Hi, everyone I was wondering if anyone could tell me of a website that has an instrument similar to Peggy's stitch eraser and the Peanut for removing stitches. I ran across one a long time ago and should have bought it when I saw it. I thought it might be quite a bit cheaper, $80.00 for peggy's is quite ridiculous I think. I have tried using a hair trimmer but have varying results. I think it was on sale for $39.95 at the time.I wish I would have bookmarked the site. Any help would be appreciated.


----------



## Liberty (Jul 18, 2006)

Last time we bought one it was the Peanut and got it from embroidery.com. I think it was about $50. I personally can't stand them but I have one operator that is very, very good at it.


----------



## deChez (Nov 10, 2007)

I've been using a $10 moustache/sideburn trimmer that I bought at Longs Drugs.....works fine for me.


----------



## northeastchap (Nov 1, 2009)

Hi, i use a normal plastic razor one without a moveable head, jus gently run it over back of design and it takes off the running stitch, turn your garment over and rub the stitch it should come off fine.


----------



## EmbroideryImages (May 14, 2006)

I have peanut as well. About the only time I use the peanut is with a large amount of fill stitches otherwise I use an exacto knife. Beth sure to have a fresh blade with each project and a very light hand. Even still the most skilled person will have problems with the less stable fabrics such as wicking type knits and more dense fabrics.

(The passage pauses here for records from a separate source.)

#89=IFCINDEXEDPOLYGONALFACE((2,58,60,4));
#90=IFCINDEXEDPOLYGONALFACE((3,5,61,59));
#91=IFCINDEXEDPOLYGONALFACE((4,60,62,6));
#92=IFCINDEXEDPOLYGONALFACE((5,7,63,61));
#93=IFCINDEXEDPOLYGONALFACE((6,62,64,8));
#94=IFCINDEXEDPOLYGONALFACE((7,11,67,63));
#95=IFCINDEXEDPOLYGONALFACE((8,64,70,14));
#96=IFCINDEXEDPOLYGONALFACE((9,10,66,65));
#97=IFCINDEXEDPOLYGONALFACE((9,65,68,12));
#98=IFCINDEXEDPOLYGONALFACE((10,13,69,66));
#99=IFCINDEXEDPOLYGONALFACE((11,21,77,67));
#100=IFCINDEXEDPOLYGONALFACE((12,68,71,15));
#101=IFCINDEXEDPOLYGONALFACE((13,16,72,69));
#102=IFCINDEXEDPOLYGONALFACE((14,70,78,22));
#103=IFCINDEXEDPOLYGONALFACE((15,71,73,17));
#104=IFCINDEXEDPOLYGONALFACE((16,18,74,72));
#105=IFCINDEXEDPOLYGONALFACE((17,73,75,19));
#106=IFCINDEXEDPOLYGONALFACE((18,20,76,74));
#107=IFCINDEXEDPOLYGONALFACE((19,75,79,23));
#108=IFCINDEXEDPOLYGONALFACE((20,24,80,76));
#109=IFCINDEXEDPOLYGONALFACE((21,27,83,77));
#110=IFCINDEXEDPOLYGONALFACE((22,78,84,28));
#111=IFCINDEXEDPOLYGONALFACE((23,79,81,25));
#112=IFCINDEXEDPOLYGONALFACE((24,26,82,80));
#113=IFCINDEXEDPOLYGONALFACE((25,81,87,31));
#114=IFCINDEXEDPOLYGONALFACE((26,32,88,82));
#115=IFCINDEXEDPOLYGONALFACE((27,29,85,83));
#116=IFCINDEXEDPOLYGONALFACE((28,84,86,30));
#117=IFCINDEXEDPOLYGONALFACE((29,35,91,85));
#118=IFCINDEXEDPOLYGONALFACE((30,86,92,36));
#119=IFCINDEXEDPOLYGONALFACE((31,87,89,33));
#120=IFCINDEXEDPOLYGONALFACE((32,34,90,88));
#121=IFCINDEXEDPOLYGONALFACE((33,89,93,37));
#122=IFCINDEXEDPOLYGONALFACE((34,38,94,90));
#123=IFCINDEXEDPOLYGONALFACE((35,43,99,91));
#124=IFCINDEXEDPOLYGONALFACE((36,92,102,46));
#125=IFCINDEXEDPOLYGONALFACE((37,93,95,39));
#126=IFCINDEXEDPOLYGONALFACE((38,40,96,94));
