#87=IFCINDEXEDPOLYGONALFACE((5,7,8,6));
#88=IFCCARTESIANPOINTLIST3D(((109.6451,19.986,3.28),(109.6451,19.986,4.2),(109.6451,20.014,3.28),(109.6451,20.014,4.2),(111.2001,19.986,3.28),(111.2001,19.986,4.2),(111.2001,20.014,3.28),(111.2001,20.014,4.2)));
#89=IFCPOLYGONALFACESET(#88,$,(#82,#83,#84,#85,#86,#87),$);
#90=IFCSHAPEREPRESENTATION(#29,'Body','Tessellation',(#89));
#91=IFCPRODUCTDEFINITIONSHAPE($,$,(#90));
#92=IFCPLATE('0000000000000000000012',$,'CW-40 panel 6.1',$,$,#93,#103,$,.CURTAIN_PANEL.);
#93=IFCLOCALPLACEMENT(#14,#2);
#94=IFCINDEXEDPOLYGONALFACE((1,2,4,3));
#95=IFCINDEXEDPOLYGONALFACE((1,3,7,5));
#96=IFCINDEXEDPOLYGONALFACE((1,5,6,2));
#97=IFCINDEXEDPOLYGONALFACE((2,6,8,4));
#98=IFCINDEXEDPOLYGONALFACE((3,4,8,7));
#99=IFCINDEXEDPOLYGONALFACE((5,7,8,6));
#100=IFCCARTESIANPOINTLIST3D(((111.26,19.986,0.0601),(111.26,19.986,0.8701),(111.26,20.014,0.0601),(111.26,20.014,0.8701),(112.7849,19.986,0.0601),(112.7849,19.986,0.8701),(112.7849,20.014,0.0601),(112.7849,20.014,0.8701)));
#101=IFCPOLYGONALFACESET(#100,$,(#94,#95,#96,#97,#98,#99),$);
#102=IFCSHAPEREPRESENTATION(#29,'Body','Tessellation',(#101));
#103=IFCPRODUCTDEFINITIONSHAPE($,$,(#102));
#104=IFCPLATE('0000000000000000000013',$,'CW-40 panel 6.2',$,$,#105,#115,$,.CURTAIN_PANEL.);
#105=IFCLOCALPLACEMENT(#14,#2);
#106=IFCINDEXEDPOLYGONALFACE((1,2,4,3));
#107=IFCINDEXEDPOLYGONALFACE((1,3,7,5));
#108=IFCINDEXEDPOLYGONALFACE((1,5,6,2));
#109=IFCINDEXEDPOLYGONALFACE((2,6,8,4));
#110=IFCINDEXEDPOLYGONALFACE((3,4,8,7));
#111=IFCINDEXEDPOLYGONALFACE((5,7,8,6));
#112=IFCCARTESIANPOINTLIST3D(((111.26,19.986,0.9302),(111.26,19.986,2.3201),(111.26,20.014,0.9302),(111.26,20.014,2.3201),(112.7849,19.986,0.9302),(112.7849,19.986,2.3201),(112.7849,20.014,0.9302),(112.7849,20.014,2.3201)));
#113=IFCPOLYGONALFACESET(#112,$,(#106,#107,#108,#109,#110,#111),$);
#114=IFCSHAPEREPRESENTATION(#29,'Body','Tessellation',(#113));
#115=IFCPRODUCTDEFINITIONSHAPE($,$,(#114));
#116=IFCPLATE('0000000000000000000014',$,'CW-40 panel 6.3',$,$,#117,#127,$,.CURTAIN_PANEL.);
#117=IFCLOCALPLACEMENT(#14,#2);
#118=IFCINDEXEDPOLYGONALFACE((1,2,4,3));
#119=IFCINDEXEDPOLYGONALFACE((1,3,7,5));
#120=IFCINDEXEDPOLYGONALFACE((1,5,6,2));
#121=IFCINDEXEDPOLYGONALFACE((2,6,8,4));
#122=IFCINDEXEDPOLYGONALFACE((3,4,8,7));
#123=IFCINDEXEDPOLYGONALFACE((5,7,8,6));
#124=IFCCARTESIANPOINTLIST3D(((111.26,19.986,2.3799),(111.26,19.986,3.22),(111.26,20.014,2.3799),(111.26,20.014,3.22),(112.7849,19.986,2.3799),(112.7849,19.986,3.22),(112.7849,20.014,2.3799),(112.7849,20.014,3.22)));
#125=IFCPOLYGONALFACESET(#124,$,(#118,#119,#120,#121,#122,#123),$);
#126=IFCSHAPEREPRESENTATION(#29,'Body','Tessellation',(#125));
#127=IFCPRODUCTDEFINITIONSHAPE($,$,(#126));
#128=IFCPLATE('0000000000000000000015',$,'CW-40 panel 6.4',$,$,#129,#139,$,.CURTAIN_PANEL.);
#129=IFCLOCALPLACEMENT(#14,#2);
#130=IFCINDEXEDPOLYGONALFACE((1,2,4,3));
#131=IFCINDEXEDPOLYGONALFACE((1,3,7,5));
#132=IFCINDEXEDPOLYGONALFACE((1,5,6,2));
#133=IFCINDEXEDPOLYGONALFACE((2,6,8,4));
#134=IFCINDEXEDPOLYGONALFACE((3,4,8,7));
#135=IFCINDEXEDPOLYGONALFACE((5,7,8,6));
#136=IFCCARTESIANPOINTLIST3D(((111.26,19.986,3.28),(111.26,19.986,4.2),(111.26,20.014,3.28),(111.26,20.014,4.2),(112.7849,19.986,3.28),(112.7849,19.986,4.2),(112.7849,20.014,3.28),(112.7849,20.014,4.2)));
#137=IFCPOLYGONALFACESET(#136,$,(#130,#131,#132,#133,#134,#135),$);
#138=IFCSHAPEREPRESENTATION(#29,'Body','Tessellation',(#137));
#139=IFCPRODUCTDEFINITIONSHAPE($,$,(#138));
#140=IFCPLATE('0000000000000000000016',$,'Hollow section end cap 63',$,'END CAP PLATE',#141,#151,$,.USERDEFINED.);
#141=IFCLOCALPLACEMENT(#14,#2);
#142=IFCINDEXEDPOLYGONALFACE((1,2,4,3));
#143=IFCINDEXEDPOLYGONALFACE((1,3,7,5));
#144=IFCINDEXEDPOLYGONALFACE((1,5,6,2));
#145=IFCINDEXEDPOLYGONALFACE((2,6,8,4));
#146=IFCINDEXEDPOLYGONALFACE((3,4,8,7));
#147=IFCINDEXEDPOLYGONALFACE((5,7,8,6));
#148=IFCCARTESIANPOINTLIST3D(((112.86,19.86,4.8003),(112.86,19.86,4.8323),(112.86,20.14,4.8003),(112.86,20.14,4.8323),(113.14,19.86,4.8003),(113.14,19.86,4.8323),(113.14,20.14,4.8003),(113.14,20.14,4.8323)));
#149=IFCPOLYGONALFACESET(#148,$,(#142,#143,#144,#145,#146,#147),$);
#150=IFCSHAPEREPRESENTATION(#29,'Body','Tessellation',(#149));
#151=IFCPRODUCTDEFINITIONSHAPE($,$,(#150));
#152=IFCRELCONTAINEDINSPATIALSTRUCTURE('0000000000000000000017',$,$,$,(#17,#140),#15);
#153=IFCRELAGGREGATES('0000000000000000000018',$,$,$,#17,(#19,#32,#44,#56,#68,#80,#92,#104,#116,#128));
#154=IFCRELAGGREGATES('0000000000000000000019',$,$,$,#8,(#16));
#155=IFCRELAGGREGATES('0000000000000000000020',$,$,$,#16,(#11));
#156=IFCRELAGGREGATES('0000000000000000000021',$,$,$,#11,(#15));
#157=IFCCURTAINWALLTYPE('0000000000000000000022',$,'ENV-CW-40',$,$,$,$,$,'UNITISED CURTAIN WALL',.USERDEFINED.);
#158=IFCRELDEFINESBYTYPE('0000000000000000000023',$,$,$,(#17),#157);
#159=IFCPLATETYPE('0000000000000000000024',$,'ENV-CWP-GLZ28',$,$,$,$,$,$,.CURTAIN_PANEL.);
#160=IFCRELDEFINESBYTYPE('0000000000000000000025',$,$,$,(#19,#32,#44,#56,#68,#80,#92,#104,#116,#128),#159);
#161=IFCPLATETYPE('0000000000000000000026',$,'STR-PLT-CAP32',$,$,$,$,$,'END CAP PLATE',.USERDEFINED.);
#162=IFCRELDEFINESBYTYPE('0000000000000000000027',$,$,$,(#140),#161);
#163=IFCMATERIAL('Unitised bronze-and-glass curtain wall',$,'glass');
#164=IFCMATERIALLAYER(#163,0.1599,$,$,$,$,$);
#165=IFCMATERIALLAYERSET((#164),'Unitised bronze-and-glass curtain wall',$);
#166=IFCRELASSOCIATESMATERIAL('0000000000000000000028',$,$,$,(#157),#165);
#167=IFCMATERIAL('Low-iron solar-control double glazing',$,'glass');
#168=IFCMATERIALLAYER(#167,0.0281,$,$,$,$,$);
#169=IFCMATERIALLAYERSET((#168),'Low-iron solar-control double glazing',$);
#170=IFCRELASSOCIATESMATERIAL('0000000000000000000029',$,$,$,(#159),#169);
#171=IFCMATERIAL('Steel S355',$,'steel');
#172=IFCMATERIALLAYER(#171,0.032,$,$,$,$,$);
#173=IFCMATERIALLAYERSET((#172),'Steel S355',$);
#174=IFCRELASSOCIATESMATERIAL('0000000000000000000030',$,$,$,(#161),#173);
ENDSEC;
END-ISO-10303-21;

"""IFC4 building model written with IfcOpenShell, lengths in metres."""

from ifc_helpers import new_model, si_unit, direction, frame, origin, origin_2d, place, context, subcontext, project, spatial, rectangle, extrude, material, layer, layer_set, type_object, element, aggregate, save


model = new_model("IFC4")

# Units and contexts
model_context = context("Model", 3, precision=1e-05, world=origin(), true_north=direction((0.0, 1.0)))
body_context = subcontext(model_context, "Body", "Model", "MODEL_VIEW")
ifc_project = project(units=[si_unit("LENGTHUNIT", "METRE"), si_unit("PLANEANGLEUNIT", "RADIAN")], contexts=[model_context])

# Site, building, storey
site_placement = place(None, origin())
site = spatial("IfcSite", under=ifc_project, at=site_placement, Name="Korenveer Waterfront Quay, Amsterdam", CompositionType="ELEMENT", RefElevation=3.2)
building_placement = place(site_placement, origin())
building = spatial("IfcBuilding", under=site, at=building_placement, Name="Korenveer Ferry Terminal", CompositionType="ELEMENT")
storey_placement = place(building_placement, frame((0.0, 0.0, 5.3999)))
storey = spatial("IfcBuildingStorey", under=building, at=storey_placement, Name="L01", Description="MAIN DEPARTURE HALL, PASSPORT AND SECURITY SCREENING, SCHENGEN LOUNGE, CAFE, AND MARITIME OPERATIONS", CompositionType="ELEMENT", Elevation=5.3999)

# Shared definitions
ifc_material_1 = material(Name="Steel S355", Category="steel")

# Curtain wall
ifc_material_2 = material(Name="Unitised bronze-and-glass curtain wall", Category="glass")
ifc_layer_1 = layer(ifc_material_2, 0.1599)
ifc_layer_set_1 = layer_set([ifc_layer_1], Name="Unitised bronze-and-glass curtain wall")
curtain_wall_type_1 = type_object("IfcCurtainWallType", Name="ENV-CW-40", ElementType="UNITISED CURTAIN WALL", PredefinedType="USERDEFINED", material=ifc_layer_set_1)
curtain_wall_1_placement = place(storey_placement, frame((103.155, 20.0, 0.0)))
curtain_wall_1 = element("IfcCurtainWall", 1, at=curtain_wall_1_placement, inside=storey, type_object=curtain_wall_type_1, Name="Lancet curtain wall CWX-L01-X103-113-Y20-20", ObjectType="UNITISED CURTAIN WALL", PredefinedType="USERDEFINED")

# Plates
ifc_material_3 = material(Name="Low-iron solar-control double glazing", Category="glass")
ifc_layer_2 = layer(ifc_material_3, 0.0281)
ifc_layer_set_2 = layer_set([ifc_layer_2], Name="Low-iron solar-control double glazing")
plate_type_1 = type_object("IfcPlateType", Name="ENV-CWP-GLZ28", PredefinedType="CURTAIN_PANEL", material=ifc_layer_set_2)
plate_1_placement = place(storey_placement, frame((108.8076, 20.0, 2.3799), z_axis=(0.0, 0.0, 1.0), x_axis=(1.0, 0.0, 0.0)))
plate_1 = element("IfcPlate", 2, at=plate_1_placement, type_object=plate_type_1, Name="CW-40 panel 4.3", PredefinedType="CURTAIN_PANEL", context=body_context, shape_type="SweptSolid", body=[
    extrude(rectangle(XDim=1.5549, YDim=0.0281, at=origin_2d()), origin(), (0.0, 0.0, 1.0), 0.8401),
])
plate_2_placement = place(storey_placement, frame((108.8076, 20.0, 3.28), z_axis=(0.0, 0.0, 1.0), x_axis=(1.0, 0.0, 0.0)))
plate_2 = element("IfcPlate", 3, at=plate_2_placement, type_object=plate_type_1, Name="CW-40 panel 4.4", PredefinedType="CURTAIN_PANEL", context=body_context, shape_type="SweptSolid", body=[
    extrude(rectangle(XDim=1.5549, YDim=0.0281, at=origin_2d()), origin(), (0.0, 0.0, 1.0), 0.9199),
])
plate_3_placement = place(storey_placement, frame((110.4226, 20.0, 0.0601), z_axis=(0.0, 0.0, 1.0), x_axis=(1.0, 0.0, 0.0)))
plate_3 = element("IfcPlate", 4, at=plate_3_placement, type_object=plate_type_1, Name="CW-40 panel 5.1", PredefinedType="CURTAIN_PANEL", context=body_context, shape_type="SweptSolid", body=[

Works best in area that are going to be covered completely.


----------



## Flint54 (Oct 16, 2008)

I modified a moustache/sideburn trimmer that I bought at Wally-World, I carefully reground the top edge/angle of the upper blade and the bottom edge/angle of the bottom blade. This brought the blades to a point rather than the rounded/smooth edge that won't cut skin when used for personal grooming. With the sharp edge you can "erase" all stitching, be sure to do it from the back and don't go thru the backing, the top stitches will brush right away.

This is the reason that these trimmers for embroidery are more expensive, they are made for grooming then they are modified, tested and repackaged for their new function. Doing this add more work to the final product.


----------



## KERRMINATOR (Jul 21, 2009)

I'll have to check this out, I've always just used a seam ripper and it takes forever.


----------



## sds357 (Jan 4, 2007)

I never liked peggy stitch eraser. I always use an exacto and my trimmers.


----------



## Flint54 (Oct 16, 2008)

I've used almost everything mentioned but always return to the electric stitch eraser. The speed it works at and the accuracy it gives me is worth the extra cost. Yes, it may not be for some but with practice it will give excellent results. It takes a gentle hand, get a bit heavy and the fabric is destroyed.


----------